Adding together kernel functions (kernparts) brings up some extra interaction terms when computing the psi2 matrix. We're not computing these right now.

Note that they're not needed for a single covariance function combined with white noise, just when you're combining say rbf with linear.

tied and fixed params at kernel level

The computation of gradients does not work when the kernel's parameters are tied or fixed.

import numpy as np
import GPy

K = GPy.kern.rbf(5, ARD=True)
K.tie_param('[01]')
K.constrain_fixed('2')

X = np.random.rand(5,5)
Y = np.ones((5,1))

m = GPy.models.GP_regression(X,Y,K)
m.checkgrad()

testing module missing from setup.py

Teo had a problem that when he was trying to import GPy it couldn't find the testing module, it appears this is missing from setup.py in the list of modules. I thought it would discover anything with an init.py as a module but apperently not. I believe this would break a new install on a new machine so should probably be fixed in master?

Alan

checkgrad output is ugly

Integrate the checkgrad output with the model printing.
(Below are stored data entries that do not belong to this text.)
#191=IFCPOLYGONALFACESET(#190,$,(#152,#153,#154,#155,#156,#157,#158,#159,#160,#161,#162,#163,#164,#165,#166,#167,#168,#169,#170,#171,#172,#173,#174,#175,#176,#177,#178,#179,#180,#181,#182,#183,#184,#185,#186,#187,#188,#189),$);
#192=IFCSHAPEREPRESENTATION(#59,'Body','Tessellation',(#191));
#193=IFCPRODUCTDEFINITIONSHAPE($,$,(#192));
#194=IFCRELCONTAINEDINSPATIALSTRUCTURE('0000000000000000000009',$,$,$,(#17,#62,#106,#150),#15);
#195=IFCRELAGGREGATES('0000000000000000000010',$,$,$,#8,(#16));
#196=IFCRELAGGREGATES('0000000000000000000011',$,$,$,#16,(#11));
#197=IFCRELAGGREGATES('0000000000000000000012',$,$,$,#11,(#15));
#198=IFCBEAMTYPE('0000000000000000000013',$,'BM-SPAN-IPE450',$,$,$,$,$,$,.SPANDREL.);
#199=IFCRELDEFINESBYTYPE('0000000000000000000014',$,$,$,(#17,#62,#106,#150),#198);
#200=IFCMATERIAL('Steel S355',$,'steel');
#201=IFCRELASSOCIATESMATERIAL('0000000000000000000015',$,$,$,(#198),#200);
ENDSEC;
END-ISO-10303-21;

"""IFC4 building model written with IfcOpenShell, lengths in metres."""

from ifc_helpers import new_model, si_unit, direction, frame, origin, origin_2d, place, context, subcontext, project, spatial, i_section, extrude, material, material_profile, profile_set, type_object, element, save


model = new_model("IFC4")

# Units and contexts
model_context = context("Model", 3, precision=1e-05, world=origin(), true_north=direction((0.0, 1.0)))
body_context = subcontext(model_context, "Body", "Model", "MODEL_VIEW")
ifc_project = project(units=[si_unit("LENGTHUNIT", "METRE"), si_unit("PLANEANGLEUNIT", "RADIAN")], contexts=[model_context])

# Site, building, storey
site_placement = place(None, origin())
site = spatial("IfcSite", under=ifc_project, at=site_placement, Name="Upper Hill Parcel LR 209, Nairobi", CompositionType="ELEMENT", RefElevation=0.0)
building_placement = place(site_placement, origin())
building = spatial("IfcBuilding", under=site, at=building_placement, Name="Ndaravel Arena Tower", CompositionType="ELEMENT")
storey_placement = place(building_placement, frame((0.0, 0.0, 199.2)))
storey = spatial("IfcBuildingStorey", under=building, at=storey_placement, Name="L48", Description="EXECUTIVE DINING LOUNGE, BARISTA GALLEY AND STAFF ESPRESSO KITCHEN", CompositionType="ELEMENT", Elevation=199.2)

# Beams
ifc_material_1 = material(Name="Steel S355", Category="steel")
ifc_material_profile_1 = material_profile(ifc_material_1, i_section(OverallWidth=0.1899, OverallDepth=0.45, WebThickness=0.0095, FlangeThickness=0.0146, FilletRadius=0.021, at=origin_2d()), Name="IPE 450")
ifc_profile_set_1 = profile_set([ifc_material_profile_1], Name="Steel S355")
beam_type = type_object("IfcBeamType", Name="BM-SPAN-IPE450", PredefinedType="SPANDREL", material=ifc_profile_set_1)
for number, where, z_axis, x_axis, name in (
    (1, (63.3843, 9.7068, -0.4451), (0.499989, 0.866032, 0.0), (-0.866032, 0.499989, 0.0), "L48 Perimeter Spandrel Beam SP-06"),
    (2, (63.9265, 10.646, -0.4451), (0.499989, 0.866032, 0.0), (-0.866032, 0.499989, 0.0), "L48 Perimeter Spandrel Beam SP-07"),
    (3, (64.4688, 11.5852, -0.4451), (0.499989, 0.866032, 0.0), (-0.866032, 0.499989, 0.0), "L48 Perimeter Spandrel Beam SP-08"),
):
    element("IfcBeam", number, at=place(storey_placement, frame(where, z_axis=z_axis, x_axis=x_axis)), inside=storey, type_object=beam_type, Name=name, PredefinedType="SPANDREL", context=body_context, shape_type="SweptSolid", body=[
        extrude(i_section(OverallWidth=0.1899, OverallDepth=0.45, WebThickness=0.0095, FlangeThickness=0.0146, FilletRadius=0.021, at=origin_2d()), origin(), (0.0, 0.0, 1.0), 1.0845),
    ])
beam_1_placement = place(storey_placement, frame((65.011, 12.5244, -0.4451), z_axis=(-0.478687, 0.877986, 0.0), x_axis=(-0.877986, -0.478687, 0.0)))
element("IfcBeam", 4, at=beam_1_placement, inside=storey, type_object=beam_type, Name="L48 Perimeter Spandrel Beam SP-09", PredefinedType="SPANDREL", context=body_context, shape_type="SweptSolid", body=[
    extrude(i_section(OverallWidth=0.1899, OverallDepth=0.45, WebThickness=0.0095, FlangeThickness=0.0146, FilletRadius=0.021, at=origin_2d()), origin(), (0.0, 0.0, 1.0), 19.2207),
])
It's not necessary to print the words 'ratio', 'numerical' etc on each row.

sympykern fails randomly

I have an idea for fixing this:

Weave accepts a bunch of arguments. One of them is the code you'd like to run, the other is "support code", where you can define functions and stuff.
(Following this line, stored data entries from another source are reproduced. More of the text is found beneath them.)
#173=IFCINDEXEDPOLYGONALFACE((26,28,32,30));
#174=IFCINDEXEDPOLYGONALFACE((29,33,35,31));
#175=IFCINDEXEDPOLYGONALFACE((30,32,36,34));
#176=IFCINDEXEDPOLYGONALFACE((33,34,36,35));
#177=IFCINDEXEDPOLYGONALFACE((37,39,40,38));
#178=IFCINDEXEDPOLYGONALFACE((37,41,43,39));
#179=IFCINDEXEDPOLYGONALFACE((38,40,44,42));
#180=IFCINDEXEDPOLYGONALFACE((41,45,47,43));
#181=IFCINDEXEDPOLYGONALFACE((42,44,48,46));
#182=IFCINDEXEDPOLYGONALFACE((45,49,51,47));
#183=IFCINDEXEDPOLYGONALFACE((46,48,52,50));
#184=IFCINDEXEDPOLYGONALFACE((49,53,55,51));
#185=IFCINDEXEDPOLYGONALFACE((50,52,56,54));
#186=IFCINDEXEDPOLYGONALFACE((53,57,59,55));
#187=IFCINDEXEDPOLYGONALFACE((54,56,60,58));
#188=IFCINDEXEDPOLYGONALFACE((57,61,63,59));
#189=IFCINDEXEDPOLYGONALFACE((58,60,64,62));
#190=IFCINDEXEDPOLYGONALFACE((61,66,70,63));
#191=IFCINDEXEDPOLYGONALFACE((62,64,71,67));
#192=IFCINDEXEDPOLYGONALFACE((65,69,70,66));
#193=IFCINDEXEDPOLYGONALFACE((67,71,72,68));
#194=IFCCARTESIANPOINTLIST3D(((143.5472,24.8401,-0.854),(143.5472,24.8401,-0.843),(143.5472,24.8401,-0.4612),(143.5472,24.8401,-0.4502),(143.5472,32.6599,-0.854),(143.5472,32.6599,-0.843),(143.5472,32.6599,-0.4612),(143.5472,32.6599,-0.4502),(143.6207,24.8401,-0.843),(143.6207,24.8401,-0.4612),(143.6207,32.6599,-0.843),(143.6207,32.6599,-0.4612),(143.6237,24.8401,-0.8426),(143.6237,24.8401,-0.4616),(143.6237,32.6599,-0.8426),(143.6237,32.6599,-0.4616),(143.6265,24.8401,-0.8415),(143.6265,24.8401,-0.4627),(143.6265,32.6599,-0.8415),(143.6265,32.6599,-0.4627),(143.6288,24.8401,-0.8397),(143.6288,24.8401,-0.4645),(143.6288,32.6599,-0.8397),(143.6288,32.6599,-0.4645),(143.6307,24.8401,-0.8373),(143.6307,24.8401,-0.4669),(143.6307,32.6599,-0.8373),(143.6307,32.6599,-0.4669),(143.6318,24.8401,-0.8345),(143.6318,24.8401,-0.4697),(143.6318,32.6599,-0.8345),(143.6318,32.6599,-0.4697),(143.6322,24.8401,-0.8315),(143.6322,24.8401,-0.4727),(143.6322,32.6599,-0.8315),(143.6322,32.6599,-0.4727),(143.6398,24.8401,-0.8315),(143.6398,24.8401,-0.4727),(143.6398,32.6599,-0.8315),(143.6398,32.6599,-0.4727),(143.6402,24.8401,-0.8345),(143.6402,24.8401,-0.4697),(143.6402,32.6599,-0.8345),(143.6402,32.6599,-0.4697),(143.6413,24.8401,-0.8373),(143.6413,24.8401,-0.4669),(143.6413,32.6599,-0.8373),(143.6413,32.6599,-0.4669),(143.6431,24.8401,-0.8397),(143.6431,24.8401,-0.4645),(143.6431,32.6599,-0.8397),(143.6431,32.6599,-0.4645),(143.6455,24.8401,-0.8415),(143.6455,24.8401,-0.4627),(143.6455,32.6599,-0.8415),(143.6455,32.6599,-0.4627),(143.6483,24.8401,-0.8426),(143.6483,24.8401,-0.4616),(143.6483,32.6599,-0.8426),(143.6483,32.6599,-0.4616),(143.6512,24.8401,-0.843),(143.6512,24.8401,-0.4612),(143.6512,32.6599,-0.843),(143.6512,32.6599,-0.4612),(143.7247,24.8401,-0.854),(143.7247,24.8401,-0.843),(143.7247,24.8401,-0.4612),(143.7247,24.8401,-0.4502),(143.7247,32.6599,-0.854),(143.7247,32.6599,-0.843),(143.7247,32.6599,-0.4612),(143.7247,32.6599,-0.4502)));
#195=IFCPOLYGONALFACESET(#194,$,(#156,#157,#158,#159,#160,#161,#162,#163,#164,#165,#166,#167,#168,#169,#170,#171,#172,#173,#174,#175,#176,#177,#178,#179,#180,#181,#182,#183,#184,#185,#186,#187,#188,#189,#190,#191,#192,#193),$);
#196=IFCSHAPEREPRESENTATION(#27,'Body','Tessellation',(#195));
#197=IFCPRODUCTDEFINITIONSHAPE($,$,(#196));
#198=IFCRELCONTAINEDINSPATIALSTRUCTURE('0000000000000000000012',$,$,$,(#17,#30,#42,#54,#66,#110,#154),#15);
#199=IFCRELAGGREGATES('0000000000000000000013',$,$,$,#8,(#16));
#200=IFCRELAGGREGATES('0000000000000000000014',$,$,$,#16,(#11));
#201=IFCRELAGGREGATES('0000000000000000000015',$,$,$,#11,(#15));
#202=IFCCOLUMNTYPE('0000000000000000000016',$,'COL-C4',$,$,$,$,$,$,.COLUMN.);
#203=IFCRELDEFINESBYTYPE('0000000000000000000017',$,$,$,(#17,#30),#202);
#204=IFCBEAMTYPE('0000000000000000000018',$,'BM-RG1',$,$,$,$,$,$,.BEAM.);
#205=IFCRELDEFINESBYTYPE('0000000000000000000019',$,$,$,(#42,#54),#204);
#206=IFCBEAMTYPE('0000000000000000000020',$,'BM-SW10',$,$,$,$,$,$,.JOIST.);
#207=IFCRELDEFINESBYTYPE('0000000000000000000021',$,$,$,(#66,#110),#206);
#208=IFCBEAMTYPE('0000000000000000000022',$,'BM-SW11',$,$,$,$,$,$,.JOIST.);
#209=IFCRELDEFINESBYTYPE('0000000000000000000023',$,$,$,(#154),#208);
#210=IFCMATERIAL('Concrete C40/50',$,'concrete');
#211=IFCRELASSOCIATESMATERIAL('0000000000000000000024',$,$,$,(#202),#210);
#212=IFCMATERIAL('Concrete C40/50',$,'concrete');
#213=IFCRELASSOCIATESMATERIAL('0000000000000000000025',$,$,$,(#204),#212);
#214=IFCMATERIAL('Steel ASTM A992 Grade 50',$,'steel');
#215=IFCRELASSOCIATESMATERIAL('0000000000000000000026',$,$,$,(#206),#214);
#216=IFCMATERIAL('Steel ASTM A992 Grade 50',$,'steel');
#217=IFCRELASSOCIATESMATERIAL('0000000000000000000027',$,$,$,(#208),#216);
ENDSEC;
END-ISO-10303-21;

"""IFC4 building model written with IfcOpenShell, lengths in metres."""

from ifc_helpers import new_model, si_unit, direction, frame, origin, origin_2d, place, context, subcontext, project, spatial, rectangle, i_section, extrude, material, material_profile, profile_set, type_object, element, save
In our sympykern, the covariance function and its gradients are passed as support code.

Weave first hashes the code to see if it's already compiled. it it's only hashing the "code" and not the "support code", there's our bug.
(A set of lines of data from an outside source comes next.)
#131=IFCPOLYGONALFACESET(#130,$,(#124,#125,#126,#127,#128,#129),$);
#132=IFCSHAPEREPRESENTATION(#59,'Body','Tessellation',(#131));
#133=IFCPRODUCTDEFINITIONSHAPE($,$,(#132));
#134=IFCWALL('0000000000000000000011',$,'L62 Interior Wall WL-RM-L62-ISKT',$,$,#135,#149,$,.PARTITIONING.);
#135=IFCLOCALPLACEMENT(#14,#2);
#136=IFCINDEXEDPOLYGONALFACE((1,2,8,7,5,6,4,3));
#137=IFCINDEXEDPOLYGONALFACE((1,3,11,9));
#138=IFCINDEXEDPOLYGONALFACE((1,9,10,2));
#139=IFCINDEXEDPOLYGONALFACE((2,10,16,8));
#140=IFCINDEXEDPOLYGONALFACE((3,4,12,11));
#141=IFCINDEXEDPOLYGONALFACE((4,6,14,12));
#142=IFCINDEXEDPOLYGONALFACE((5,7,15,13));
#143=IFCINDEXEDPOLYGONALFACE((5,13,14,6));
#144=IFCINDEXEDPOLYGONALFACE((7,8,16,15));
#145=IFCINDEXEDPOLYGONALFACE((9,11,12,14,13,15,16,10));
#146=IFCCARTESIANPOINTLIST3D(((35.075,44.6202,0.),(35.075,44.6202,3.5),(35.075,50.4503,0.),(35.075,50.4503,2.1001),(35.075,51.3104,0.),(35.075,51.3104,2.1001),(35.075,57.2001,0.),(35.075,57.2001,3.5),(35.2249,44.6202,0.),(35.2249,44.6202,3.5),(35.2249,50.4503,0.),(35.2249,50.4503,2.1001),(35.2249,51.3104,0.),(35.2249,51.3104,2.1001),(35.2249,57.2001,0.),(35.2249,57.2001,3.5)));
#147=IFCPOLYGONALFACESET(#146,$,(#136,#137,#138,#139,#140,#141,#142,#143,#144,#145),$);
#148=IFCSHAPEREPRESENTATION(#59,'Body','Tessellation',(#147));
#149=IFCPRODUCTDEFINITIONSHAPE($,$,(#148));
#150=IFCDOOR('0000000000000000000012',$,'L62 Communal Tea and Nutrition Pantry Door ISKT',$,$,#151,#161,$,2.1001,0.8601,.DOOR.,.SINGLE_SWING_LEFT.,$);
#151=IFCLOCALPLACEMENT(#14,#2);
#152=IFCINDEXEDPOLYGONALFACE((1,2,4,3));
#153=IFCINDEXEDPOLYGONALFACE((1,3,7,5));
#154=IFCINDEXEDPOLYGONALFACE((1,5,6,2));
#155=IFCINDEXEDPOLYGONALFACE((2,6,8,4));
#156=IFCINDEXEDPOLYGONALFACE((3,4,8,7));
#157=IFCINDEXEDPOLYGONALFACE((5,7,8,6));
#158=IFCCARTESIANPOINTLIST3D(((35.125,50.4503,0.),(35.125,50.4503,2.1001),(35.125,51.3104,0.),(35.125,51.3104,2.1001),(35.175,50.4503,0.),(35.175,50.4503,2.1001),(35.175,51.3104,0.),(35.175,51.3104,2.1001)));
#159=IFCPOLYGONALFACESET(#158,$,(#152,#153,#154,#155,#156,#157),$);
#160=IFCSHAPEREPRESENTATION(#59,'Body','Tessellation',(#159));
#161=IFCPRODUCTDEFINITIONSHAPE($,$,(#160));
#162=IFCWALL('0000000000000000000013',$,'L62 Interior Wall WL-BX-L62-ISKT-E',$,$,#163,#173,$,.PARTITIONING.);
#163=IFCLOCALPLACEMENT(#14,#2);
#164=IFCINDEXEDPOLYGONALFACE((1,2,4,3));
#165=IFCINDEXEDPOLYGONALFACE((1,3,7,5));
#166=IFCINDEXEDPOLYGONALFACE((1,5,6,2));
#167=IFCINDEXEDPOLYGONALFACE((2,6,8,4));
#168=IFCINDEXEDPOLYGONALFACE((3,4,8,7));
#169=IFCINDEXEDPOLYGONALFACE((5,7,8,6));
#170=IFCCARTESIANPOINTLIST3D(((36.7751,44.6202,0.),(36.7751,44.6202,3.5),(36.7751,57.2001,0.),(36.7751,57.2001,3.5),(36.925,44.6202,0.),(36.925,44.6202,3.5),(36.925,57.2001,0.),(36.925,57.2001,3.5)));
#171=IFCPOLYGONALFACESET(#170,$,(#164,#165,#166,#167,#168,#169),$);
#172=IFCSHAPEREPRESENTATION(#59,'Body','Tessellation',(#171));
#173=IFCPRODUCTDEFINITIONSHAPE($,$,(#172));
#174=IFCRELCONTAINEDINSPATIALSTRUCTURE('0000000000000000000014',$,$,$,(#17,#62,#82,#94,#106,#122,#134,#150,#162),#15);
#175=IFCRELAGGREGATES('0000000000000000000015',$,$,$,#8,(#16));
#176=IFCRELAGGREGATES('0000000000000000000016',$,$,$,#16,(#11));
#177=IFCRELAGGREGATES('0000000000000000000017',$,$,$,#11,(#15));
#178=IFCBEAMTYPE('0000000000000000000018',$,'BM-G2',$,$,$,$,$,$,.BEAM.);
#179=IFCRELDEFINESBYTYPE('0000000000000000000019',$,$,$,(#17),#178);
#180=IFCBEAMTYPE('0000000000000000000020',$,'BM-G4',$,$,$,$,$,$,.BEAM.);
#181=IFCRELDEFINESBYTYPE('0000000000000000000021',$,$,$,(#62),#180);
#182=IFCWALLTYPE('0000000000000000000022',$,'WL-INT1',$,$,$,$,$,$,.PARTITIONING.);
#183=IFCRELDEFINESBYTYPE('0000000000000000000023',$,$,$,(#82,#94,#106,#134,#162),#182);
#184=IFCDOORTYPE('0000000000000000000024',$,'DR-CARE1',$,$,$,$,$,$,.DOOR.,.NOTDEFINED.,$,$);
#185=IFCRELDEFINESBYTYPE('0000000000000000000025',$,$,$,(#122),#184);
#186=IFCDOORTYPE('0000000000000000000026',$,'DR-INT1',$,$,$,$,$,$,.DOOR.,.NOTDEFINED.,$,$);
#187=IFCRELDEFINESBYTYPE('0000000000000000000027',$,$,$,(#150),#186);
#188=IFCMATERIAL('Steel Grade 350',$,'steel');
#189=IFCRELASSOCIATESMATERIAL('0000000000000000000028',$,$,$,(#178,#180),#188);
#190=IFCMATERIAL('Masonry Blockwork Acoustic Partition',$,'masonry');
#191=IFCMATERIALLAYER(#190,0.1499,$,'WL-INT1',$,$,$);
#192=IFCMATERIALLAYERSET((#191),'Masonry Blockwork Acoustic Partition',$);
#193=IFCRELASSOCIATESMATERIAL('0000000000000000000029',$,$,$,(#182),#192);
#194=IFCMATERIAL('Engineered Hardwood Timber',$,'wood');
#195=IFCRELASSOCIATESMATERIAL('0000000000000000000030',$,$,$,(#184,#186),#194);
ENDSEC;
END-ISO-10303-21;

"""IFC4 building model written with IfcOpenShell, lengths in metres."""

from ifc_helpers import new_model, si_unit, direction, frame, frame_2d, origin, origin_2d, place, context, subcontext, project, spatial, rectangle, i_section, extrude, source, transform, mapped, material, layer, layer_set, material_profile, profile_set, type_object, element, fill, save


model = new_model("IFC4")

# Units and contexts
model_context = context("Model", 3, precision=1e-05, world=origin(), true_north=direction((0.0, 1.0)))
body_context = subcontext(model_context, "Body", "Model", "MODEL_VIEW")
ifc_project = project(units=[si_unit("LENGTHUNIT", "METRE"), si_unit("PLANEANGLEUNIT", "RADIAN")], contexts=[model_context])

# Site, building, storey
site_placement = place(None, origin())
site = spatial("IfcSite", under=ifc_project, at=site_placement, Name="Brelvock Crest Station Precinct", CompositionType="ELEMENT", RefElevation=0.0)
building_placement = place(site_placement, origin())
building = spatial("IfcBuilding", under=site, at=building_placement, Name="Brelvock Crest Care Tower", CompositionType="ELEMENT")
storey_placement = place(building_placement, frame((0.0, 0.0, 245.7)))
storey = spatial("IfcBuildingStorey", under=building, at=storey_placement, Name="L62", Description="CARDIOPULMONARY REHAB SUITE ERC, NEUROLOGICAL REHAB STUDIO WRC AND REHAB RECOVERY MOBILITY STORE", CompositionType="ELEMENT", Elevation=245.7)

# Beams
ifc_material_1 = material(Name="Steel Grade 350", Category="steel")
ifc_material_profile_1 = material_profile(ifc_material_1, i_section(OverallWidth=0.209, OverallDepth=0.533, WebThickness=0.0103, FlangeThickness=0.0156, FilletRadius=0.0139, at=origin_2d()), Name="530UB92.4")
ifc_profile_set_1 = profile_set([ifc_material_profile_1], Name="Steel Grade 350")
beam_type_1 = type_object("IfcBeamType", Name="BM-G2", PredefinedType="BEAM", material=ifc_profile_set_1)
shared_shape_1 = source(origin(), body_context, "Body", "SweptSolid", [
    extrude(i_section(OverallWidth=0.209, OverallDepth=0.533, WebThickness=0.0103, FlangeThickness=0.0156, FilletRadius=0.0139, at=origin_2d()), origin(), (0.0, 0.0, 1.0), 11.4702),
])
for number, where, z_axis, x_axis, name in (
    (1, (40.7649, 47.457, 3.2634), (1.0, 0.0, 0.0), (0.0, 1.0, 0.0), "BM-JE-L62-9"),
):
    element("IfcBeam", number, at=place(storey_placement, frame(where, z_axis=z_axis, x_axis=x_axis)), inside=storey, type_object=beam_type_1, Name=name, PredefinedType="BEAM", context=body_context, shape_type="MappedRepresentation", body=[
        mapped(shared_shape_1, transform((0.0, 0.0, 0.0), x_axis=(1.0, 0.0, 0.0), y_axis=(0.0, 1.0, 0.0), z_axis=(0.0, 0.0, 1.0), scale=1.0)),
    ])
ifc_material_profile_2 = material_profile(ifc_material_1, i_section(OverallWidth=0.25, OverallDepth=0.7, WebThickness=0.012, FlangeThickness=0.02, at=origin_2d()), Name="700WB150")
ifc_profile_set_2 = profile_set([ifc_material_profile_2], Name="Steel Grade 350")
To fix, define the covariance functions in the "code", by concatenating the code and support code.

Oh look Alan is at the top of the assignees list :)

James.

Need to Discuss Examples Provision

We need to discuss how we provide examples. Importantly, I think they shouldn't be just a brain dump or a test of a new feature. They should be there for end users to understand the code. But we need to decide whether to include them as a module or whatever ...

TNC max_iters keyword

Need consistency in the optimizer interface. For example, max_iters can be passed but is ignored by (for example) tnc. At least we should throw a warning that its being ignored (and perhaps translate it to a sensible number of function evaluations).

New GP model

We should integrate EP_GP and GP_regression models into a single one. That way it will be easier to keep them both up to date.

Since the log marginal likelihood for an EP model can be written as the log likelihood of a regression model for a new variable Y* = v_tilde/tau_tilde, with a covariance matrix K* = K + diag(1./tau_tilde) plus a normalization term, we can use most of the GP_regression code and just add other functions to call the EP algorithm.

Then we can also implement sparse _GP_regression and sparse_EP_GP into the same model.

For consistency between the GP_regression and the sparse_GP_regression, and also to make more clear the differences with EP, in the non-sparse regression, beta should be explicit rather than part of the kernel.

I'll open a branch called newGP for this.

Some Confusion in variable names in Likelihoods

It looks to me like the likelihoods are using Y as the variable that's coming out of the GP and data as the form of the data as it's provided. This clashes with the way we do this in mathematical notation where Y is the data as provided and F is the intermediate variable that the GP models. I think we need to think about what the right naming is (I've been looking at Gaussian.py, so apologies if this is a special case, although even if it is we need to make it consistent).

I'd like to see the following. Y is the data as presented by the user and F is the data as modelled by the GP internally. Would there be a problem with this?